State of New York, et al v. Trump et al. (No. 1:17-cv-05228-NGG-JO) is a lawsuit against the rescission implemented by the Trump administration of the Deferred Action for Childhood Arrivals (DACA) program. At issue are Fifth Amendment protections of due process, information use, and equal protection.

Plaintiffs claim damage in the form of "discriminatory treatment based on their national origin, without lawful justification."

Facts and prior history
Obama administration Secretary of Homeland Security Janet Napolitano issued a memorandum establishing DACA on June 15, 2012. This policy protected certain undocumented immigrants who came to the United States as children from arrest or detention based solely on their immigration status while deferred action was in effect. Participation was granted for two years with renewal possible. DACA grantees also got work authorizations and were eligible to receive Social Security, retirement, disability benefits, and, in certain states, benefits such as driver’s licenses or unemployment insurance.

But several years later and in fulfillment of a Trump campaign promises made June 16, 2015 and August 31, 2016 the Acting Secretary of Homeland Security Elaine Duke rescinded the Napolitano memo on September 5, 2017. The Trump administration then sent the program to Congress for rework within six months. 

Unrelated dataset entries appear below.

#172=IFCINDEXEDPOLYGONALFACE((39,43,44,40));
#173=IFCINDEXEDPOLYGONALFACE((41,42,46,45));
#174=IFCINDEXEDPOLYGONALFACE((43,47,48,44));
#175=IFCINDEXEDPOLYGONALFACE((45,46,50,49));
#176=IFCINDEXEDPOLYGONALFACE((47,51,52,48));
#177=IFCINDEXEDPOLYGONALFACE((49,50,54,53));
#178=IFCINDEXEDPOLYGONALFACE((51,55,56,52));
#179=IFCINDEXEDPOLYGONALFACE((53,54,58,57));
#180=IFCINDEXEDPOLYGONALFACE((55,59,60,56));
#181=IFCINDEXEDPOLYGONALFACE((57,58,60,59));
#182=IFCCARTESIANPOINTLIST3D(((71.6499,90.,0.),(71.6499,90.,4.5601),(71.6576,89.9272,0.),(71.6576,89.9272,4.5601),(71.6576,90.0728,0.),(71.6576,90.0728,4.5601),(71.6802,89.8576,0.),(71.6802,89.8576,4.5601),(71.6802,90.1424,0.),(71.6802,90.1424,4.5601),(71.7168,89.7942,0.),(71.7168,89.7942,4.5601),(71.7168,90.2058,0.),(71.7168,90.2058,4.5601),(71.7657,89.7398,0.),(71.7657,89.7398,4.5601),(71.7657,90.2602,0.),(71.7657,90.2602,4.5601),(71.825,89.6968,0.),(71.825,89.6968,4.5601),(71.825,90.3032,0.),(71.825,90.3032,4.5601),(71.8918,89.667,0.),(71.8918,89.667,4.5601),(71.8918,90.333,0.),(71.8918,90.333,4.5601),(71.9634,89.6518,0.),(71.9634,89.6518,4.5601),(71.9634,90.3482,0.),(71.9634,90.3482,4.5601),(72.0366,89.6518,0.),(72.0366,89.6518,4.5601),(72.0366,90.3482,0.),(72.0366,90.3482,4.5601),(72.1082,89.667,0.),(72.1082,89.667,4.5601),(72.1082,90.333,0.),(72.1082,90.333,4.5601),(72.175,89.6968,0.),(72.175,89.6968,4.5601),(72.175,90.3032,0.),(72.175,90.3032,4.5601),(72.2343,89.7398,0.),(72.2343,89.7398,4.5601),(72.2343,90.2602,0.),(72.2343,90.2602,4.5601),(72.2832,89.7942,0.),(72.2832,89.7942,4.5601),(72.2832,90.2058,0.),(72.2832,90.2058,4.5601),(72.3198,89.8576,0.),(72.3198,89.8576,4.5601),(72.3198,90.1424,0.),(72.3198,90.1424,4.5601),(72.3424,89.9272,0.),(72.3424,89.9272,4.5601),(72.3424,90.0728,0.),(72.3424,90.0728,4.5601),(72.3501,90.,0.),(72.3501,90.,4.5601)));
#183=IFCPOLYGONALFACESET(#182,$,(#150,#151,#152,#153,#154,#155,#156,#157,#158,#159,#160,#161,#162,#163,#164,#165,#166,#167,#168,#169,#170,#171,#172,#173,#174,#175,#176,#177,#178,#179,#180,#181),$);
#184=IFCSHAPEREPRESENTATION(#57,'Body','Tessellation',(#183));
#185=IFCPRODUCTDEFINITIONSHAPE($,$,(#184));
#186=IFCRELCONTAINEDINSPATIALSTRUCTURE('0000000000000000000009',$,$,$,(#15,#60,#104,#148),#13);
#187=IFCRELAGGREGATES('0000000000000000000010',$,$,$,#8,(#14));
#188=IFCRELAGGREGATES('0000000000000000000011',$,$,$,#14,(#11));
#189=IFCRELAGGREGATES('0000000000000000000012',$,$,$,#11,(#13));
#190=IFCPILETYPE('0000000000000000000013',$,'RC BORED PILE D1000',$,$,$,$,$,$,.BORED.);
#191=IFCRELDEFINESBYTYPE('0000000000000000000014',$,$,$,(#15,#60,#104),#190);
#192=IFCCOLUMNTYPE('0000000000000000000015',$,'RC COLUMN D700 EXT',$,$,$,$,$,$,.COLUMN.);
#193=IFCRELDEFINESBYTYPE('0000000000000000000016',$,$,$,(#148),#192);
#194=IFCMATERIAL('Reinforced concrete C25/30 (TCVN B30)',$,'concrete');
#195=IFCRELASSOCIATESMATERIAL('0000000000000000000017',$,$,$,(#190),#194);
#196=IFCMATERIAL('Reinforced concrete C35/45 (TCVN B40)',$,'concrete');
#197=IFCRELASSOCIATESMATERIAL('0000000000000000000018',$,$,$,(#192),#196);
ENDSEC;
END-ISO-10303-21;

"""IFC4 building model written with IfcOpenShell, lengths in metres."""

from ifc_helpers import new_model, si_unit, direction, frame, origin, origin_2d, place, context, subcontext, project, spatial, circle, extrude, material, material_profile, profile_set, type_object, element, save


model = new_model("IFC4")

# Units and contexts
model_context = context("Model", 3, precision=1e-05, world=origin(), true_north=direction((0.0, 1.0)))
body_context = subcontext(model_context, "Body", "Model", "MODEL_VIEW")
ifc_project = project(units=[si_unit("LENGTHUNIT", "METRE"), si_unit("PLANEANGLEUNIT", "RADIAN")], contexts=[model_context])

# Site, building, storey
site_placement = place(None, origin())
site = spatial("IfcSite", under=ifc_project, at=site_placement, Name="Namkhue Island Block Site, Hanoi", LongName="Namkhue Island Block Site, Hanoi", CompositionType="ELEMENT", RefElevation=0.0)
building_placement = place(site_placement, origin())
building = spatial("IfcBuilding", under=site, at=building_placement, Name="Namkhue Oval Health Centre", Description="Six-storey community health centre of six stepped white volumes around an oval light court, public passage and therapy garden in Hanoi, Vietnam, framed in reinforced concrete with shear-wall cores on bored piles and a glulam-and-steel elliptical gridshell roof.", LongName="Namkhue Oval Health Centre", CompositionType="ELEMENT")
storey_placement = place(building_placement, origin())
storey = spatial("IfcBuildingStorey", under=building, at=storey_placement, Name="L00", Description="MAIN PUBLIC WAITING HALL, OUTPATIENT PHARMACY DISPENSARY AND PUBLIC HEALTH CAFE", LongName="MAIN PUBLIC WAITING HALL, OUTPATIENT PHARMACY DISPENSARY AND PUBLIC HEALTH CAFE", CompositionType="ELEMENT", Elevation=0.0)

The lawsuit seeks to maintain the protections extended to DACA grantees and to allow renewal and continued enrollment by eligible children.

Latest developments  

The case was reassigned to judge Nicholas G. Garaufis, because it is related to Batalla Vidal et al. v. Baran et al., No. 1:16-cv-4756.

In late September, the parties were arguing over discovery. On October 19, 2017, Judge Garaufis ordered that the Trump Administration cannot delay discovery, but over a reduced scope of documents.

On December 14, 2017, government lawyers argued that discovery was improper. There was no ruling from the court.